Hi folks, we've just upgraded to Elastic 5 over Dev, UAT and Live. I'm just looking at Watcher for the first time.
I've configured a simple query to look for HTTP 503 errors in our HAproxy access logs and report to our slack channel if there are more than 25 errors over a 5 minute period.
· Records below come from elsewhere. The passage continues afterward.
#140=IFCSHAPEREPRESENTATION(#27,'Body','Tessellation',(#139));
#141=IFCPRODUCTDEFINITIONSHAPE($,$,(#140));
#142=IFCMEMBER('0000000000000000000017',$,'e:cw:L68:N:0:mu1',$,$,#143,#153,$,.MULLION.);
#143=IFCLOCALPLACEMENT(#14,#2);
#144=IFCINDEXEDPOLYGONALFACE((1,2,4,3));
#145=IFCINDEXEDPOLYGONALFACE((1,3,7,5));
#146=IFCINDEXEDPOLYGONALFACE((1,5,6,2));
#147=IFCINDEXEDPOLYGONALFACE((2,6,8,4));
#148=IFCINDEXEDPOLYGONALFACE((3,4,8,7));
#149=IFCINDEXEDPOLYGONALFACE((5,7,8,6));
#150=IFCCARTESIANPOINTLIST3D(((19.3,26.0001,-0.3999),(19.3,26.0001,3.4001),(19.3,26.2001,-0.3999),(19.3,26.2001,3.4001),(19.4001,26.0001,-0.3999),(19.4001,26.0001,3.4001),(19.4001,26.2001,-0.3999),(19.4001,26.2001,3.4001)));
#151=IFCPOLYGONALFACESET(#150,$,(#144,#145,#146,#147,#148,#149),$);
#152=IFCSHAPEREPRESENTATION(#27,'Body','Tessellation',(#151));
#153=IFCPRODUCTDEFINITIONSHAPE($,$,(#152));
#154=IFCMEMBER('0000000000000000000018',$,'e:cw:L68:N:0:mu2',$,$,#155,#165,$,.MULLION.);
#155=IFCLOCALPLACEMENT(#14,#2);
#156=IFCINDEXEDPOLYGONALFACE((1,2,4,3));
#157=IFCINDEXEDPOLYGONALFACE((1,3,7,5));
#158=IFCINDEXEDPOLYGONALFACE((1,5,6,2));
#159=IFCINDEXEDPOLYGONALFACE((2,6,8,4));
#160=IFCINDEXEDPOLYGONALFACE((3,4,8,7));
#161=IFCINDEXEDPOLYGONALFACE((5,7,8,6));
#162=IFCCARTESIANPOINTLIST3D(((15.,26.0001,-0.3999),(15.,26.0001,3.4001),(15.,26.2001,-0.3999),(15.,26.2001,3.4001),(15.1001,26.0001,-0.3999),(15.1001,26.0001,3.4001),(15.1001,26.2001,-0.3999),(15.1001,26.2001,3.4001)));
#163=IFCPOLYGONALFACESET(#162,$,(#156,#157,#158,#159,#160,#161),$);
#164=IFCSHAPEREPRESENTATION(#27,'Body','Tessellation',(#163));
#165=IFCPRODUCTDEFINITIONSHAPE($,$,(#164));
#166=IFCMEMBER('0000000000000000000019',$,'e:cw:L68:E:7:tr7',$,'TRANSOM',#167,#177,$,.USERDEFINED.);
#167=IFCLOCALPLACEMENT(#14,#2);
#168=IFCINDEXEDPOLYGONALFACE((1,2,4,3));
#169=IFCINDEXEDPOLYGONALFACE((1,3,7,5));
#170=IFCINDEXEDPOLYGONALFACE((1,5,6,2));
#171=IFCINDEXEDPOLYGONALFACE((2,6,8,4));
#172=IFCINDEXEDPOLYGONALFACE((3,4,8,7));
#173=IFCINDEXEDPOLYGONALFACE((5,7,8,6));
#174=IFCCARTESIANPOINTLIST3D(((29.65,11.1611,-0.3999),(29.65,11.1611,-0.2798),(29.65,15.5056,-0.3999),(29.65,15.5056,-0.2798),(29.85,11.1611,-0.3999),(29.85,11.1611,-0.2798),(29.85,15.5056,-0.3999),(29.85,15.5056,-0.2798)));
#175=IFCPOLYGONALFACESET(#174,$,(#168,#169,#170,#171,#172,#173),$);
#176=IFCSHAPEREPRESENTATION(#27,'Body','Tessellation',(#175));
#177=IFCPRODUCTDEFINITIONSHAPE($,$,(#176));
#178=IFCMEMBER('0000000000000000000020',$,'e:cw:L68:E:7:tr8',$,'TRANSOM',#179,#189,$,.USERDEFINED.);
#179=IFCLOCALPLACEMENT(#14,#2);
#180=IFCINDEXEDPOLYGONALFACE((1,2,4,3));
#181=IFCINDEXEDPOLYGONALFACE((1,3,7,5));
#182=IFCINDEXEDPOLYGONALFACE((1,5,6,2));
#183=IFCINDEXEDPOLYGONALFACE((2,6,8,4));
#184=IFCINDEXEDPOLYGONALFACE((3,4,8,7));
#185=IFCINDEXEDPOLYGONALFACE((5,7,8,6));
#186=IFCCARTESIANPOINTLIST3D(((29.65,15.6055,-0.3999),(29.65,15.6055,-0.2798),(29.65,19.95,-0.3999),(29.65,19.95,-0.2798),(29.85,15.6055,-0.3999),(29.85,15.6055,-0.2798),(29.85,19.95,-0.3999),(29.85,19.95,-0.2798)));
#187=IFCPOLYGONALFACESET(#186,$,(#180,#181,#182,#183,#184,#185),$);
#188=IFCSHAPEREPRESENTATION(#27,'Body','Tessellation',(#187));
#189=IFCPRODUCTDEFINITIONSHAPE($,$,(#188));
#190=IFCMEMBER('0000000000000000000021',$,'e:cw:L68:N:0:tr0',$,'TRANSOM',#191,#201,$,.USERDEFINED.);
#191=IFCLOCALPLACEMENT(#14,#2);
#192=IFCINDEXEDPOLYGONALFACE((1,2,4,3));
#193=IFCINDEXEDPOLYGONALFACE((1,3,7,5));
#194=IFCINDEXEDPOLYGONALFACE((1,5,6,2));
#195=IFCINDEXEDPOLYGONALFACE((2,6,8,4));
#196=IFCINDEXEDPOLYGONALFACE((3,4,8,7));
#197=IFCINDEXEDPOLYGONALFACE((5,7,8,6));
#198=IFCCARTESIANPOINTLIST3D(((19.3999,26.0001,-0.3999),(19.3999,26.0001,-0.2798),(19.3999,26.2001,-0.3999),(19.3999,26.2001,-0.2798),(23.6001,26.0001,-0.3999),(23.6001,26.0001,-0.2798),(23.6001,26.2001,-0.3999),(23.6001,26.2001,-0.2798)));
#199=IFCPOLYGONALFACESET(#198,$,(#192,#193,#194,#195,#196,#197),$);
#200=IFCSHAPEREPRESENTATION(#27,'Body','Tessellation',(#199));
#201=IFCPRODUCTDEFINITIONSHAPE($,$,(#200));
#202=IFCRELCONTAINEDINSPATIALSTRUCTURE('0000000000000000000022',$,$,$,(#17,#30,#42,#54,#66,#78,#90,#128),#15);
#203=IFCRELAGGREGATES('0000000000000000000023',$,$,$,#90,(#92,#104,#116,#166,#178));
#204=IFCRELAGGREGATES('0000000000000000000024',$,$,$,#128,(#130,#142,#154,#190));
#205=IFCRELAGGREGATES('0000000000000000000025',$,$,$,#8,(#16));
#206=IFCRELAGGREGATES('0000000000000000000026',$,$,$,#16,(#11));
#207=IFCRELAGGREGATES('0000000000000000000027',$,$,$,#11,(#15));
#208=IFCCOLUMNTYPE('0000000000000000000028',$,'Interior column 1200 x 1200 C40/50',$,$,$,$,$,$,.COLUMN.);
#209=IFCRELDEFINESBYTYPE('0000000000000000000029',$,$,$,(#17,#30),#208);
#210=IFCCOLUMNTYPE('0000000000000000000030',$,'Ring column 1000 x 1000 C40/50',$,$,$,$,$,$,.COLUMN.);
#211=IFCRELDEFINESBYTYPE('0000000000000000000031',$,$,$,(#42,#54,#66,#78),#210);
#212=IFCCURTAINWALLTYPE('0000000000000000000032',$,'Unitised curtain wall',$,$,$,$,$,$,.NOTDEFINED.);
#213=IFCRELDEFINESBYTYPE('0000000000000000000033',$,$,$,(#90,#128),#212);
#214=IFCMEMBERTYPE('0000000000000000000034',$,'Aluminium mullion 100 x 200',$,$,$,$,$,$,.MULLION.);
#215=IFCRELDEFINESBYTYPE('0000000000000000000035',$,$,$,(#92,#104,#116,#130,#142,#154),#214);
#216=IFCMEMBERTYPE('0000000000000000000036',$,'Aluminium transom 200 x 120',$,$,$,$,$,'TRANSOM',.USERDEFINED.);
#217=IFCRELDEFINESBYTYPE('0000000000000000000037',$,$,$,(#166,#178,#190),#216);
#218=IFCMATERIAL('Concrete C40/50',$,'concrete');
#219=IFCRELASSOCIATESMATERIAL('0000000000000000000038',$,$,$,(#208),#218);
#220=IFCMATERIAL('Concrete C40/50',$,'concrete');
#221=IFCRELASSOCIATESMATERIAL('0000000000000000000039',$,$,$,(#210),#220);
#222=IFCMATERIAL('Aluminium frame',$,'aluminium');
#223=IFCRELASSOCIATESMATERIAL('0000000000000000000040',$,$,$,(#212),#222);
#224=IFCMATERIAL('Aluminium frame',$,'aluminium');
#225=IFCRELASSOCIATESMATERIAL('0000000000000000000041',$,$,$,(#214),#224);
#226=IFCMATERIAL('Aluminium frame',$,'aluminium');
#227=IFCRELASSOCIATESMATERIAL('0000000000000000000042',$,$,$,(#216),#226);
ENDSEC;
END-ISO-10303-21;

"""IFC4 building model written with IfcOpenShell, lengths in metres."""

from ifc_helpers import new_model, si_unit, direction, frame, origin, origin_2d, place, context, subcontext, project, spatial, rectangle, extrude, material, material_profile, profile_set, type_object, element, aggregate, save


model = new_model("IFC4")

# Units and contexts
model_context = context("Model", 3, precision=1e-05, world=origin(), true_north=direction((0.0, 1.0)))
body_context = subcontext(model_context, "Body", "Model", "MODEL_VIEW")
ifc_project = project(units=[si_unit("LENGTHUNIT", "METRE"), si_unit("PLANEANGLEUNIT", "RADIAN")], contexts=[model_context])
Here is the JSON
{
"trigger": {
"schedule": {
"interval": "5m"
}
},
"input": {
"search": {
"request": {
"search_type": "query_then_fetch",
"indices": [
"logstash-haproxy_access-*"
],
"types": ,
"body": {
"query": {
"bool": {
"must": {
"match": {
"http_status_code": 503
}
},
"filter": {
"range": {
"@timestamp": {
"from": "{{ctx.trigger.scheduled_time}}||-5m",
"to": "{{ctx.trigger.triggered_time}}"
}
}
}
}
}
}
}
}
},
"condition": {
"compare": {
"ctx.payload.hits.total": {
"gte": 25
}
}
},
"actions": {
"notify-slack": {
"throttle_period_in_millis": 300000,
"slack": {
"account": "REMOVEDCHANNELNAME",
"message": {
"from": "kibana-dev",
"to": [
"#kibana-dev"
],
"attachments": [
{
"color": "danger",
"title": "HAPROXY 503 ERRORS",
"text": "Encountered {{ctx.payload.hits.total}} HTTP 503 errors in the last 5 minutes"
}
]
}
}
}
}
}
And what you see in slack
So far, so good.
However, what i'd like to do is to add a URL to the slack message which links back to the Watch History or a Watcher index so someone can clickthrough and investigate the messages, then mark the slack message as seen / green tick to indicate its been investigated.
I am not sure where to start. Any ideas?